Retail is a fast-paced industry. Margins are tight and competition is steep. Customer retention is a major challenge, as consumers have more choice than ever—and more brands vying for their money and loyalty. Merchants today must figure out not only how to attract new customers, but how to keep their existing ones coming back for more.
Companies that want to gain the edge and stay ahead need to use all the tools at their disposal, like retail data analytics.
Turning Customer Data into “Gold”
Customer data is a natural byproduct of running a retail company. People are essentially leaving a trail of behavioral clues as they move through the sales funnel. But piles of customer data without the tools to analyze it are worthless.

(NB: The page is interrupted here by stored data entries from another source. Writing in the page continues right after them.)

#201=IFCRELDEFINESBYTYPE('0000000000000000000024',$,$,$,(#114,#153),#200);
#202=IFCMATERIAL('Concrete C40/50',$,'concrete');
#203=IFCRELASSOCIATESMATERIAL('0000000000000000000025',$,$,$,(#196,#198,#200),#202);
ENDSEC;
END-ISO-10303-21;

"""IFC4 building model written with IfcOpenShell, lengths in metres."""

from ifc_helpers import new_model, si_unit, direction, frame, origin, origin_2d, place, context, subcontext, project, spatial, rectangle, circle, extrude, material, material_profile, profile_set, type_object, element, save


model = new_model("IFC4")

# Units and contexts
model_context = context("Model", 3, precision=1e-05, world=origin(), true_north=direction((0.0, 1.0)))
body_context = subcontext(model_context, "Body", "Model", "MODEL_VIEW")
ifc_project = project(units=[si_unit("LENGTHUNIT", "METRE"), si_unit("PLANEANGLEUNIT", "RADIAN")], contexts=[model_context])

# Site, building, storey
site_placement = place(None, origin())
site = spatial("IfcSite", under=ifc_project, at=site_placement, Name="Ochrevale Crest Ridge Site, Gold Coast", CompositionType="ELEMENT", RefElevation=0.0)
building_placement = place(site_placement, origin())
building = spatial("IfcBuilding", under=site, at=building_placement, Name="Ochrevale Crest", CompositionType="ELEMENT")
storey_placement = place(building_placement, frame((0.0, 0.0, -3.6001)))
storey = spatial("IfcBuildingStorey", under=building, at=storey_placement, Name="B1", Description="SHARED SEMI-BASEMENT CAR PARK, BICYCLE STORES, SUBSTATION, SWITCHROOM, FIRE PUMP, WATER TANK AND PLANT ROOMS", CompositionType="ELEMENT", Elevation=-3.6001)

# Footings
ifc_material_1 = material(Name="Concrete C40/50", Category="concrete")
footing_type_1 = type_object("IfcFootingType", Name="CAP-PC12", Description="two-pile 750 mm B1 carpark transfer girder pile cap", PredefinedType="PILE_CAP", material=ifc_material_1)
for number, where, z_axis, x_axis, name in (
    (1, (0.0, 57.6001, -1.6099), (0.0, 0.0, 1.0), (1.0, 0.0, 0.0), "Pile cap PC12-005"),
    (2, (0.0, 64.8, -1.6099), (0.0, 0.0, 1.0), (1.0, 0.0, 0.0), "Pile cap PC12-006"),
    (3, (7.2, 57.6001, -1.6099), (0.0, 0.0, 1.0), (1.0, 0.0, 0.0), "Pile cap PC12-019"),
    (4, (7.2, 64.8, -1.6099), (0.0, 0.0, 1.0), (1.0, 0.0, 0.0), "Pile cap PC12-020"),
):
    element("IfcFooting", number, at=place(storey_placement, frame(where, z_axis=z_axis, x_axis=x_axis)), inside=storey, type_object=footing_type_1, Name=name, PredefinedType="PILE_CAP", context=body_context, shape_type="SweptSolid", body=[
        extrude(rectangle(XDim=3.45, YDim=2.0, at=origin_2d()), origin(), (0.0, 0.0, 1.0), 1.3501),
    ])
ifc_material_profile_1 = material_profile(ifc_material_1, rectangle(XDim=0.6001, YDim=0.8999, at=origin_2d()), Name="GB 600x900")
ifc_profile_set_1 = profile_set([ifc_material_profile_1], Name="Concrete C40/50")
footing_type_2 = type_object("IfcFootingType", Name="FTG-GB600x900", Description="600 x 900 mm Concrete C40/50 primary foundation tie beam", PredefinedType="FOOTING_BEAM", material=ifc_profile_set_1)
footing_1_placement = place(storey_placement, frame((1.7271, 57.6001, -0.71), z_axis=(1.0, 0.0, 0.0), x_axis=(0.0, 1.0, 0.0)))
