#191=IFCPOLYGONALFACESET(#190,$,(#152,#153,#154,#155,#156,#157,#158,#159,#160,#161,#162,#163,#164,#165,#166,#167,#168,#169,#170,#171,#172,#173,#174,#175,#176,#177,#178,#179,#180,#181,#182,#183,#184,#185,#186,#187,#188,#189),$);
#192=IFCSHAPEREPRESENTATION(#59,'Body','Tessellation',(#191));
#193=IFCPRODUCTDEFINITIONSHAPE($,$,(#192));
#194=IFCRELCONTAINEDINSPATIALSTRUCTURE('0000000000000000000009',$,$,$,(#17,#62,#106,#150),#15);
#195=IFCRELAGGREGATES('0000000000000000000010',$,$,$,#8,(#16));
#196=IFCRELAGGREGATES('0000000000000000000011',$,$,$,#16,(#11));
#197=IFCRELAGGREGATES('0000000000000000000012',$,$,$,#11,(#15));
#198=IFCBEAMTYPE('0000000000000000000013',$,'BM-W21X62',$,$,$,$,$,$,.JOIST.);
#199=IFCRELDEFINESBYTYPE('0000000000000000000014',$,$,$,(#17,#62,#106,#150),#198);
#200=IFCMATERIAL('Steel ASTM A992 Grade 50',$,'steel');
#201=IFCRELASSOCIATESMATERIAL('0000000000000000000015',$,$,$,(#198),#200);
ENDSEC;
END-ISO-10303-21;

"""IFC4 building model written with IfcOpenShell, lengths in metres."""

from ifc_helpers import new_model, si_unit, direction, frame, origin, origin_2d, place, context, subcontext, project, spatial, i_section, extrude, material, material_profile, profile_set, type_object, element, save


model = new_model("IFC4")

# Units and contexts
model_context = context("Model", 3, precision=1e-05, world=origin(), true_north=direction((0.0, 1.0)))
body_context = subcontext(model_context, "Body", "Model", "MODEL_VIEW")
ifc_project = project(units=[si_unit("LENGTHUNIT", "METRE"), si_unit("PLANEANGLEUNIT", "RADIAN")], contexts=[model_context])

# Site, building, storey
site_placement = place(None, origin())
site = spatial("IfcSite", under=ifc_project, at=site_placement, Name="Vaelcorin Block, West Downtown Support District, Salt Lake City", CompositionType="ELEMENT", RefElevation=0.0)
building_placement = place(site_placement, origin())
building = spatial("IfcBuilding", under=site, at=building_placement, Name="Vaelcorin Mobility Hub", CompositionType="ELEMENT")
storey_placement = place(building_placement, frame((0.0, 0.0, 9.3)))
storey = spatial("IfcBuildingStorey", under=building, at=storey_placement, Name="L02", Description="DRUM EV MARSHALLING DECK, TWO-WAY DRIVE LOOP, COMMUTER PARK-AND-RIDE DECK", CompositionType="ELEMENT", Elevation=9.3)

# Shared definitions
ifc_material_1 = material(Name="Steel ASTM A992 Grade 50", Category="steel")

Today’s retail analytics platforms like ThoughtSpot provide users with instant insights based on stored data. One important distinction from legacy systems of the past is that the best tools today are user-friendly for all—from merchandisers to marketers; brand managers to store associates. This means that instead of having to rely on IT and data specialists alone, employees throughout an entire company can ask questions about customer data and receive answers in seconds.
Data analytics platforms turn customer data into insights. Only then can employees turn these insights into “gold” by factoring them into intelligent decision-making.
Use Data to Segment Buyers—Then Personalize
Retailers stand to benefit from knowing everything they possibly can about groups of customers. The ability to use data to divide customers into segments, based on behavior and demographics, helps merchants target people with more relevant offers and interactions.
People crave, and expect, increasingly personalized shopping experiences these days. No matter what they’re buying and how, shoppers want to feel like more than just a number. One-size-fits-all, or even one-size-fits-many, approaches to marketing and selling are becoming obsolete.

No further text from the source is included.